S’il est un domaine où la notion de préjudice moral est souvent invoquée par les victimes, c’est celui de la discrimination. On sait par exemple que le taux de chômage des personnes en situation de handicap est le double de celui de la population « valide ». Malheureusement, trop nombreux sont les récits que nous entendons où telle personne en situation de handicap de notre connaissance s’est vu refuser un poste ou un entretien d’embauche. Parfois il s’agit aussi de l’entrée dans un restaurant ou de l’accès aux transports en commun. Ces injustices du quotidien engendrent pour la personne un « préjudice moral » au sens commun du terme, dont il devient important pour elle, certaines fois crucial, de demander et d’obtenir la réparation.
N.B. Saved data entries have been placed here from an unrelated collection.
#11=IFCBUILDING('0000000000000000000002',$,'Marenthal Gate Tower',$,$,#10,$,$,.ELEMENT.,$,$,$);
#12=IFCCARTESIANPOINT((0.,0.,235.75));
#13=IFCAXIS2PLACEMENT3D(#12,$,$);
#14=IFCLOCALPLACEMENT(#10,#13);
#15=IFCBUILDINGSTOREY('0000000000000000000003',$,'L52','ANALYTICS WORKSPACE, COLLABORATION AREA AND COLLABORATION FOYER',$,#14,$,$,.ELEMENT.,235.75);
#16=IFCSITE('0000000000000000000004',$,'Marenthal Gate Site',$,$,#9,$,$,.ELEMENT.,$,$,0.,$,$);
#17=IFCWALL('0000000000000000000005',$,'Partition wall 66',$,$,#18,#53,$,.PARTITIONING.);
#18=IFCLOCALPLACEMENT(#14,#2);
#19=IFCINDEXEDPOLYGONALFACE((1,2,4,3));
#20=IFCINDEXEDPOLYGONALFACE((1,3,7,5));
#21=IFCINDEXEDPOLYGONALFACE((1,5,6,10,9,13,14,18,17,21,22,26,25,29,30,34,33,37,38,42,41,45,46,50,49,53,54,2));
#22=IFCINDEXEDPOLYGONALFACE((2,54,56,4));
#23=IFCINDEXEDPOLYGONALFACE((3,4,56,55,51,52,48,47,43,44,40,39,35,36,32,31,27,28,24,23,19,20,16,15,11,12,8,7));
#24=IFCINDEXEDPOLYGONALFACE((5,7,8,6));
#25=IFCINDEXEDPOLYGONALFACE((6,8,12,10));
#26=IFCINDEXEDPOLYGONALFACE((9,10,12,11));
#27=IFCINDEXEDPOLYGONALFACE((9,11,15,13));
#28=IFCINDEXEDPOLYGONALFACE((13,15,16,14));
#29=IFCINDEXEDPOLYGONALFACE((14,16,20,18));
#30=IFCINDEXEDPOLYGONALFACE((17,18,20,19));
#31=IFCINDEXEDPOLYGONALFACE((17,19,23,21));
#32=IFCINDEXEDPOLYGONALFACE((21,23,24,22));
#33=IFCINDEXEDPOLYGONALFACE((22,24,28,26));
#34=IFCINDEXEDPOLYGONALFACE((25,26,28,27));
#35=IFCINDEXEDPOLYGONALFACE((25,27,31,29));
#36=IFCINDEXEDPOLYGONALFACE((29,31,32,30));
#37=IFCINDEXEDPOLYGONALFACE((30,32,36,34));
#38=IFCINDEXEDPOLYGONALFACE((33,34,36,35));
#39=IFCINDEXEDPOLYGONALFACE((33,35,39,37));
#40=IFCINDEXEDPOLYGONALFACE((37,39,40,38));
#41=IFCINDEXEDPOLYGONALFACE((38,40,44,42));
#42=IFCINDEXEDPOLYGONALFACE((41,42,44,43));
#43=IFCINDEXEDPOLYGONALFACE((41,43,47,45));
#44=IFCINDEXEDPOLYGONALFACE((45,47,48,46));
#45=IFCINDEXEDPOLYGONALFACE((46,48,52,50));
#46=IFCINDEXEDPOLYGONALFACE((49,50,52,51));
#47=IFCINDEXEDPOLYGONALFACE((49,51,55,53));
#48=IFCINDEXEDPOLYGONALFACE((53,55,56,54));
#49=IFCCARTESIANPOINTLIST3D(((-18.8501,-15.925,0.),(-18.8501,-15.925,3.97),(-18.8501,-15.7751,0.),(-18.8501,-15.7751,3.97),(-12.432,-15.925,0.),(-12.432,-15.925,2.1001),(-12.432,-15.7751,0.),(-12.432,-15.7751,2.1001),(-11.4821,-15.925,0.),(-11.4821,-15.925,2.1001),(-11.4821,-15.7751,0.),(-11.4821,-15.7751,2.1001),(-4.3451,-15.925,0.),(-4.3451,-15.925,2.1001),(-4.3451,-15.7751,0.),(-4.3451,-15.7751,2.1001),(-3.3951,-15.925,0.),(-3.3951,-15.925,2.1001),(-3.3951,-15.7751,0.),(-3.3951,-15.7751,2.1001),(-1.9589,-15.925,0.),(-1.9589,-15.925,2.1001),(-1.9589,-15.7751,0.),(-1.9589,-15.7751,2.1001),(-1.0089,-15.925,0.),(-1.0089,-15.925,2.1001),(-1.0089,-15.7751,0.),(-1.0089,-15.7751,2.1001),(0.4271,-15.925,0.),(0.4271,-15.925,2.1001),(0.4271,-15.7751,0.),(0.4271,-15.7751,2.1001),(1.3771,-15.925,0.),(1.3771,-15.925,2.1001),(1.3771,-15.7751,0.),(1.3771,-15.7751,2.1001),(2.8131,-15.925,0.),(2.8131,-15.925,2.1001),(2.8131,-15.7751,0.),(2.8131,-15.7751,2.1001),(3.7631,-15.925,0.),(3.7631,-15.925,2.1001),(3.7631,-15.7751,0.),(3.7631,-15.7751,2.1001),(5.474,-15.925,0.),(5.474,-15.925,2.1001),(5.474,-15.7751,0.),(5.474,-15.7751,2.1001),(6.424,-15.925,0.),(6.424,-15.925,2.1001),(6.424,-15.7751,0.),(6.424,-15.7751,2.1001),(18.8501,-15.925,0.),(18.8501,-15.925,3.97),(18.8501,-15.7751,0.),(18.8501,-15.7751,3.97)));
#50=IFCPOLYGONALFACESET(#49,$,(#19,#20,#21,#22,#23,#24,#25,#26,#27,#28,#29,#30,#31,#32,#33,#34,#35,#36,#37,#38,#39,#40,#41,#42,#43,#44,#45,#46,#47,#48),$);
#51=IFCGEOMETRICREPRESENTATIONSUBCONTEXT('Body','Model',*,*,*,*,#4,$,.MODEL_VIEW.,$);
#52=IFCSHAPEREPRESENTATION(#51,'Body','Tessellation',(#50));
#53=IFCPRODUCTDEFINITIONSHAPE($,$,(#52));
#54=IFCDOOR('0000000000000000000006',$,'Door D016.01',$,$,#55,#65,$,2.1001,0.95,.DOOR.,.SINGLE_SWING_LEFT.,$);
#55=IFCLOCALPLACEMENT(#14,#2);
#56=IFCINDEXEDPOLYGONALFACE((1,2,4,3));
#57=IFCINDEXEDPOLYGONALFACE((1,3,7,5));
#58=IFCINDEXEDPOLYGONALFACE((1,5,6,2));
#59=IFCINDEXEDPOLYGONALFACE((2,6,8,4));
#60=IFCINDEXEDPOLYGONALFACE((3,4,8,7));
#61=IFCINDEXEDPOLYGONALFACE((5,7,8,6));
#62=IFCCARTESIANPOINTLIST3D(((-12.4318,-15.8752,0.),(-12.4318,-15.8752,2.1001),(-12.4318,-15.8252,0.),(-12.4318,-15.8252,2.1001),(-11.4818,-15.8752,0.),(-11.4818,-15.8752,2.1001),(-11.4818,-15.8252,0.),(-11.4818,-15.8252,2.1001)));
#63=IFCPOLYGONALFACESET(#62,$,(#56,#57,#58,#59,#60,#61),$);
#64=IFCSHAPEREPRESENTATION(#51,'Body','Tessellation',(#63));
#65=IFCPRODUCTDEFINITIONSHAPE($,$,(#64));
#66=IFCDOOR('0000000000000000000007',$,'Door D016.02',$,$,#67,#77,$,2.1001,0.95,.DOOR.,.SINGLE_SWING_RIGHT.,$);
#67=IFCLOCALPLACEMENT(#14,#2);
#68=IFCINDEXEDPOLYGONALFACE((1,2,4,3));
Comme on l’a déjà vu plus haut, une grande prudence est de mise dans l’utilisation de la notion de préjudice moral. Avant même de considérer juridiquement l’existence du préjudice, il est nécessaire de déterminer si les trois conditions de mise en œuvre de la responsabilité sont réunies (fait générateur, dommage et lien de causalité) et qu’il est possible de les démontrer. Le fait générateur serait la discrimination elle-même, telle que prévue et réprimée par l’article 225-1 du Code pénal : « Constitue une discrimination toute distinction opérée entre les personnes physiques sur le fondement de leur origine, de leur sexe, de leur situation de famille, de leur grossesse, de leur apparence physique, de la particulière vulnérabilité résultant de leur situation économique, apparente ou connue de son auteur, de leur patronyme, de leur lieu de résidence, de leur état de santé, de leur perte d’autonomie, de leur handicap… ». Mais encore faut-il le prouver et l’établir ! Et rien n’est moins évident dans la pratique. Montrer la corrélation entre handicap et refus d’embauche peut s’avérer extrêmement ardu. On voit très rarement écrit explicitement que la seule cause du refus est le handicap du candidat. Comment alors démontrer que la personne évincée était meilleure, plus compétente, plus adaptée ou avait plus d’expérience que le candidat finalement choisi à sa place ? Et l’employeur n’a-t-il pas aussi le droit de préférer, sans qu’il soit question de handicap, un candidat plutôt qu’un autre ?

Encore une fois, il est nécessaire de se focaliser d’abord et avant tout sur les éléments objectifs permettant de démontrer l’existence d’une discrimination. Au travail, par exemple, le non-respect des normes d’accessibilité, le refus d’adapter le poste de travail ou les conditions de travail sans que celles-ci n’impactent le fonctionnement de l’entreprise, les modifications unilatérales du contrat de travail rendant impossible ou bien plus difficile l’exécution de sa mission… Ce n’est qu’une fois ce travail réalisé que l’on pourra évoquer les conséquences de la discrimination, le préjudice moral ou non, pour la personne qui en a été la victime.

Le sentiment d’injustice est une chose terrible en soi et révoltante. Lutter contre et rétablir les équilibres sont les fondements même de notre État de droit même s’il est toujours perfectible, dans ses principes comme dans son application. Pour cela, la sanction des infractions, qu’il s’agisse de discriminations ou non, comme la réparation du préjudice, moral ou non, doit reposer sur des éléments objectifs, démontrables, appréciables par un tiers, le juge. Et toujours une grande prudence comme une grande rigueur sont de mises. Il ne peut vraiment en être autrement, sauf à vouloir imposer une dictature judiciaire des sentiments.